Pope John Paul II celebrated Mass in Holy Name Cathedral during his visit in 1979.










Lawson YMCA, on Chicago Avenue. The Lawson YMCA was built in 1934.










Buildings on the corner of State Street & Chicago Avenue.










Buildings on Huron Street at State Street.










Excalibur, a bar at Dearborn & Ontario Streets. The building was originally the home of the Chicago Historical Society, and was built in 1892.










Looking west down Ontario Street. The Rock N Roll McDonald's is in the background. The Rock N Roll McDonald's was opened in 1983 and is one of the busiest McDonald's locations in the nation. The flagship location includes a two-lane drive-through, and a Rock & Roll exhibit.










The old Tree Studios buildings, at the corner of State & Ontario Streets. The original part of the building, on the right, was constructed in 1894, and one of the additions, on the left, was constructed in 1913. The Tree Studios were built to be a home for artists.










Pizzeria Due, on Wabash Avenue at Ontario Street. Pizzeria Due was founded by Pizzeria Uno founder Ike Sewell when he ran out of room in his original Pizzeria Uno restaurant. Behind Pizzeria Due is Su Casa, a Tex-Mex restaurant also opened by Ike Sewell, who was born and raised in Texas.

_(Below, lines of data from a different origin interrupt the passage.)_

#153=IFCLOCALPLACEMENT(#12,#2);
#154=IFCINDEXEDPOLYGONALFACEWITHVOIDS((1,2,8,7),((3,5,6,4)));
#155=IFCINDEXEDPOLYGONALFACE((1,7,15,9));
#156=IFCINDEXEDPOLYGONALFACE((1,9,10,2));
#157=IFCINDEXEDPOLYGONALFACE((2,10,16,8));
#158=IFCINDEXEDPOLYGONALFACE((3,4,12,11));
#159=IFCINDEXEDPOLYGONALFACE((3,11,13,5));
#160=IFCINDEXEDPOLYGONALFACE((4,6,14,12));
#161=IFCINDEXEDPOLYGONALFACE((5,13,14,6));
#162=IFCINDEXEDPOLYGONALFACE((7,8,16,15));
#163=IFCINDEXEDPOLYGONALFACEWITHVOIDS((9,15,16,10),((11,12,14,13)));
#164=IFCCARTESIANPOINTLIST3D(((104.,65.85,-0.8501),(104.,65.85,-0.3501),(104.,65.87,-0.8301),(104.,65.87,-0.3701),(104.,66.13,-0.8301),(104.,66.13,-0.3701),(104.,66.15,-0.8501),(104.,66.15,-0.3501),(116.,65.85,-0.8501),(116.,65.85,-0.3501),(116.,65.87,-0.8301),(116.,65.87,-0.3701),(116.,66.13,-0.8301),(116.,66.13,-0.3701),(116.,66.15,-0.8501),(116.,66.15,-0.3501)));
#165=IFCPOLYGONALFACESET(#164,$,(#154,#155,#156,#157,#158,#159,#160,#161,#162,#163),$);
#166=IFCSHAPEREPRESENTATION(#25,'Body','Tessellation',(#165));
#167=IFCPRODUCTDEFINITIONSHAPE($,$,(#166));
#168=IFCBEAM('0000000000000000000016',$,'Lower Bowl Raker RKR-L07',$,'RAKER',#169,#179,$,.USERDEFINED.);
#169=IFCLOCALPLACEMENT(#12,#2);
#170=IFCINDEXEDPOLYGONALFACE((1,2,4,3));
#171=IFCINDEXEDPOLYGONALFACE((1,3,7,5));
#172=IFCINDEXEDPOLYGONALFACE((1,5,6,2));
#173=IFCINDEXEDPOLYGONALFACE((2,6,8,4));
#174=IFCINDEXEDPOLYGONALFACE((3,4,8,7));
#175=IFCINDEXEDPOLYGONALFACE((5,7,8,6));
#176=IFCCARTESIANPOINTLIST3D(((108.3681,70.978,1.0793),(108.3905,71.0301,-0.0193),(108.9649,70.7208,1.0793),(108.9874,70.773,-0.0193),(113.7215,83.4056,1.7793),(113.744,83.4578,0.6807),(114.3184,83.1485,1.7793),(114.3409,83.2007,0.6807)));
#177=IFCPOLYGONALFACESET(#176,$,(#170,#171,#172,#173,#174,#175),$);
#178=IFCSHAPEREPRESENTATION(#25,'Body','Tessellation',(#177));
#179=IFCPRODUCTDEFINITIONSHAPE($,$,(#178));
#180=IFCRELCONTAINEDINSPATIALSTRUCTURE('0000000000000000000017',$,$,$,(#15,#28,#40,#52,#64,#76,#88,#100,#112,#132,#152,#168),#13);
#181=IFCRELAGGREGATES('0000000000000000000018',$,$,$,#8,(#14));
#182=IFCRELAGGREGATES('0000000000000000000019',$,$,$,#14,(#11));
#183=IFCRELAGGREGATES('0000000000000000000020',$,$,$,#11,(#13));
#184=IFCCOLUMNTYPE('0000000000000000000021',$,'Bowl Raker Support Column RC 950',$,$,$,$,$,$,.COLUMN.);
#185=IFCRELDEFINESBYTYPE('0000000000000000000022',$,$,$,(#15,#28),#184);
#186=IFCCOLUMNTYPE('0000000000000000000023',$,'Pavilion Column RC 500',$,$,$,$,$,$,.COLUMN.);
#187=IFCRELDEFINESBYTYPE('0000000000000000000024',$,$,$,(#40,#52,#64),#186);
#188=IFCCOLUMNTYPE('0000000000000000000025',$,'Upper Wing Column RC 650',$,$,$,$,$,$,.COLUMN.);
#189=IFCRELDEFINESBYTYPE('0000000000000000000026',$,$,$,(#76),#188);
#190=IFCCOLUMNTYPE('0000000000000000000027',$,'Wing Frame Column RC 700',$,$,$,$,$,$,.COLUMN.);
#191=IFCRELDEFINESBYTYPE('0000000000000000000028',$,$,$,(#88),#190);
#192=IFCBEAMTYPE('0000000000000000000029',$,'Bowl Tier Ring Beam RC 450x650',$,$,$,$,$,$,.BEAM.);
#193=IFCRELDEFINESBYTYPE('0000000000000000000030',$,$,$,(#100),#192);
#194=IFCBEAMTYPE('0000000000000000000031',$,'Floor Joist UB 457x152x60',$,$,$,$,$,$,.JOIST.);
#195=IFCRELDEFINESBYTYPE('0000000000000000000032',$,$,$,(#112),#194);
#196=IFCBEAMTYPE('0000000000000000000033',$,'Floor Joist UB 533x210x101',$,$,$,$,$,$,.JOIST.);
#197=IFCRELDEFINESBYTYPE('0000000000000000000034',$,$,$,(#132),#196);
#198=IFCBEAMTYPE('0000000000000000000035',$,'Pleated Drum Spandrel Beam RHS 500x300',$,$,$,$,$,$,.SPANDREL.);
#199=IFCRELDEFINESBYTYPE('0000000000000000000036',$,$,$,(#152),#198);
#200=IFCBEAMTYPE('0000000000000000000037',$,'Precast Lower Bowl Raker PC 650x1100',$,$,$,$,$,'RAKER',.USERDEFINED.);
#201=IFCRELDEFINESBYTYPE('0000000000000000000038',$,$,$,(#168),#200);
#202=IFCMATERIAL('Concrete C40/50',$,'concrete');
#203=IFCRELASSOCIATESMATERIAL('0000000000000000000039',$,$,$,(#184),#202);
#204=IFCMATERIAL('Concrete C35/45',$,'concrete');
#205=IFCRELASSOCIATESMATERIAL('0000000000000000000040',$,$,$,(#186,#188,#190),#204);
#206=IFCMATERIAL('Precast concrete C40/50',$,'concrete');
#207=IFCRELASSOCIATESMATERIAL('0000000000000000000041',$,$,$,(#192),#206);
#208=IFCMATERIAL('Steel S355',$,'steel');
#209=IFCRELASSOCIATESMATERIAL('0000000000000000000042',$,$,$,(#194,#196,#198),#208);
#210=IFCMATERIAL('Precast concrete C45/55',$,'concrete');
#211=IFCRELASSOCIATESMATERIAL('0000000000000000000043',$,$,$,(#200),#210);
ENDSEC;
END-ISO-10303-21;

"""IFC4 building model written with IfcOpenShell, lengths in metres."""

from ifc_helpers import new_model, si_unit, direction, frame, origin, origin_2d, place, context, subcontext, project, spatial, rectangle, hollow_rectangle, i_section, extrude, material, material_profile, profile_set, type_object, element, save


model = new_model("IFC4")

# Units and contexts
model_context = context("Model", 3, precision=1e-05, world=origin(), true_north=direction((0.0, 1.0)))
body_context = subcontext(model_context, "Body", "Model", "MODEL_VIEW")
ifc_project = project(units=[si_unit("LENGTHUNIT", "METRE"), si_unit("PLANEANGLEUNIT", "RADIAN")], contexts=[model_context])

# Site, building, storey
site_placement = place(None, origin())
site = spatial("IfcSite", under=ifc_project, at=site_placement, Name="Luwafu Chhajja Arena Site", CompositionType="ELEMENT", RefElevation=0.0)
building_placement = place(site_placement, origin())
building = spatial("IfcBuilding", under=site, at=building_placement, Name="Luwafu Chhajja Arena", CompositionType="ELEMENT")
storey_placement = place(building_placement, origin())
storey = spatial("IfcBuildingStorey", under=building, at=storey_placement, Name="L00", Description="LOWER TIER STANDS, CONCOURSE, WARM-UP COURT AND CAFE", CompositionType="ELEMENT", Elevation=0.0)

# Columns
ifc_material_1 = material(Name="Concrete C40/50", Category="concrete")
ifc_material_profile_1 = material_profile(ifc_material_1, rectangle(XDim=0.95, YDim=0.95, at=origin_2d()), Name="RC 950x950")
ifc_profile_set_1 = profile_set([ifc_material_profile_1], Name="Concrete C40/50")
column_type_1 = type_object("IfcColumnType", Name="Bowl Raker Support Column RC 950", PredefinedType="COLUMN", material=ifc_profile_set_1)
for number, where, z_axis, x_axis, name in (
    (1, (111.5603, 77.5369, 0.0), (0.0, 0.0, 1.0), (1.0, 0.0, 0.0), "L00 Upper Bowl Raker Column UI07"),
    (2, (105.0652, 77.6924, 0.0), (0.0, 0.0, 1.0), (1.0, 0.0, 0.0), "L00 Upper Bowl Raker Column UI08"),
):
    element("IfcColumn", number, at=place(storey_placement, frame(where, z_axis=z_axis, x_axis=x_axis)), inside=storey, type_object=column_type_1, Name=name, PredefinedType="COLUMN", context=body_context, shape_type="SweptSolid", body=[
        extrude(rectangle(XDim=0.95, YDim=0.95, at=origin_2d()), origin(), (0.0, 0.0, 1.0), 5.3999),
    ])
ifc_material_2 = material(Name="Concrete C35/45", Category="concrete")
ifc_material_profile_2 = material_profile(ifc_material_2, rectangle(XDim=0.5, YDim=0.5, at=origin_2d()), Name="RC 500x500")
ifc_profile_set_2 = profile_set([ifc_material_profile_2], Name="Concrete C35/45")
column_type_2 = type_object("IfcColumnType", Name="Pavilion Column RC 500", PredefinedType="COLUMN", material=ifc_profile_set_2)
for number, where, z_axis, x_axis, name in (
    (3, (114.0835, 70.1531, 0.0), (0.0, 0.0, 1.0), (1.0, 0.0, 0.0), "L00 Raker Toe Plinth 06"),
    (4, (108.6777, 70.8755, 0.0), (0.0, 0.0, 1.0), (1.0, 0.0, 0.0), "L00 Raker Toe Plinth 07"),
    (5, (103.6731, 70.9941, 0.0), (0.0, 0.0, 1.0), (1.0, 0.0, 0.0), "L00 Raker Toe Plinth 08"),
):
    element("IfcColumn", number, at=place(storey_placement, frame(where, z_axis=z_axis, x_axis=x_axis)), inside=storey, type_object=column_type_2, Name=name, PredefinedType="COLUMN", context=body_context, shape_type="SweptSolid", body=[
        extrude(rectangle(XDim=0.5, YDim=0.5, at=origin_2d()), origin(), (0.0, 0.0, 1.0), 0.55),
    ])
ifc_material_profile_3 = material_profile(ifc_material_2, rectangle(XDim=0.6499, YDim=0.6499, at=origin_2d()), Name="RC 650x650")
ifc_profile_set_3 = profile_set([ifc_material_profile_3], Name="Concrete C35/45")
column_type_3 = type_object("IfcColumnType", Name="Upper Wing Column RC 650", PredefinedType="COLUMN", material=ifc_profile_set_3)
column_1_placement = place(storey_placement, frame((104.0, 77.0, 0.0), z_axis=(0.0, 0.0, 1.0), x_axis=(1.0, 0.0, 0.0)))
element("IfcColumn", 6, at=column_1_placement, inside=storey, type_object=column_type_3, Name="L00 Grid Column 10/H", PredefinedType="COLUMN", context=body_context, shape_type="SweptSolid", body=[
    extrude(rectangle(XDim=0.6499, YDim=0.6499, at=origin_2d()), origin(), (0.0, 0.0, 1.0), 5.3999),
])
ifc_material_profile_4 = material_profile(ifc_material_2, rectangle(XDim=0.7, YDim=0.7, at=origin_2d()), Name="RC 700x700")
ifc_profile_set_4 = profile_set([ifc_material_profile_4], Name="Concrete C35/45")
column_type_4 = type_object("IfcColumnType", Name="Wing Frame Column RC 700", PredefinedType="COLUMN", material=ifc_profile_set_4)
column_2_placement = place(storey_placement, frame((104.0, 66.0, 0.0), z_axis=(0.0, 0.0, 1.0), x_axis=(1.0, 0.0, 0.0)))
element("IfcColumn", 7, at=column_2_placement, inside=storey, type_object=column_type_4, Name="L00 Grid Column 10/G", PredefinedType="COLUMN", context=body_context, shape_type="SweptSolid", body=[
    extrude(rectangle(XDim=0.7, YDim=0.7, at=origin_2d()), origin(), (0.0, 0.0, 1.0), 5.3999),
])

Cyrus McCormick House, on Rush Street at Erie Street. Cyrus McCormick built his house on Rush Street in the late 1870s after making a fortune developing a reaper and selling them through his McCormick Harvesting MAchine Company.










The Allerton Crowne Plaza Hotel, on Huron Street at Michigan Avenue. The Allerton Hotel was built in 1924. The neon signs for the Allerton Hotel and Tip Top Tap, a bar inside the hotel, remain on the building, even though neither exist anymore.










The John Hancock Center, from Michigan Avenue. The John Hancock Center is 1,127 feet tall and was completed in 1969.










Looking up Michigan Avenue at the Chicago Water Tower. The Water Tower was built in 1866 to house the standpipe, which provided water pressure for distributing the water to the city.










The Reid, Murdoch & Company Building, also called the City of Chicago Central Office Building, on the Chicago River between LaSalle Street and Clark Street. The building was built in 1914 for commercial and warehousing purposes, and docks were installed in the Chicago River in front of the building to allow for loading and unloading of goods. The Reid, Murdoch & Company Building is now the headquarters for Encyclopedia Britannica.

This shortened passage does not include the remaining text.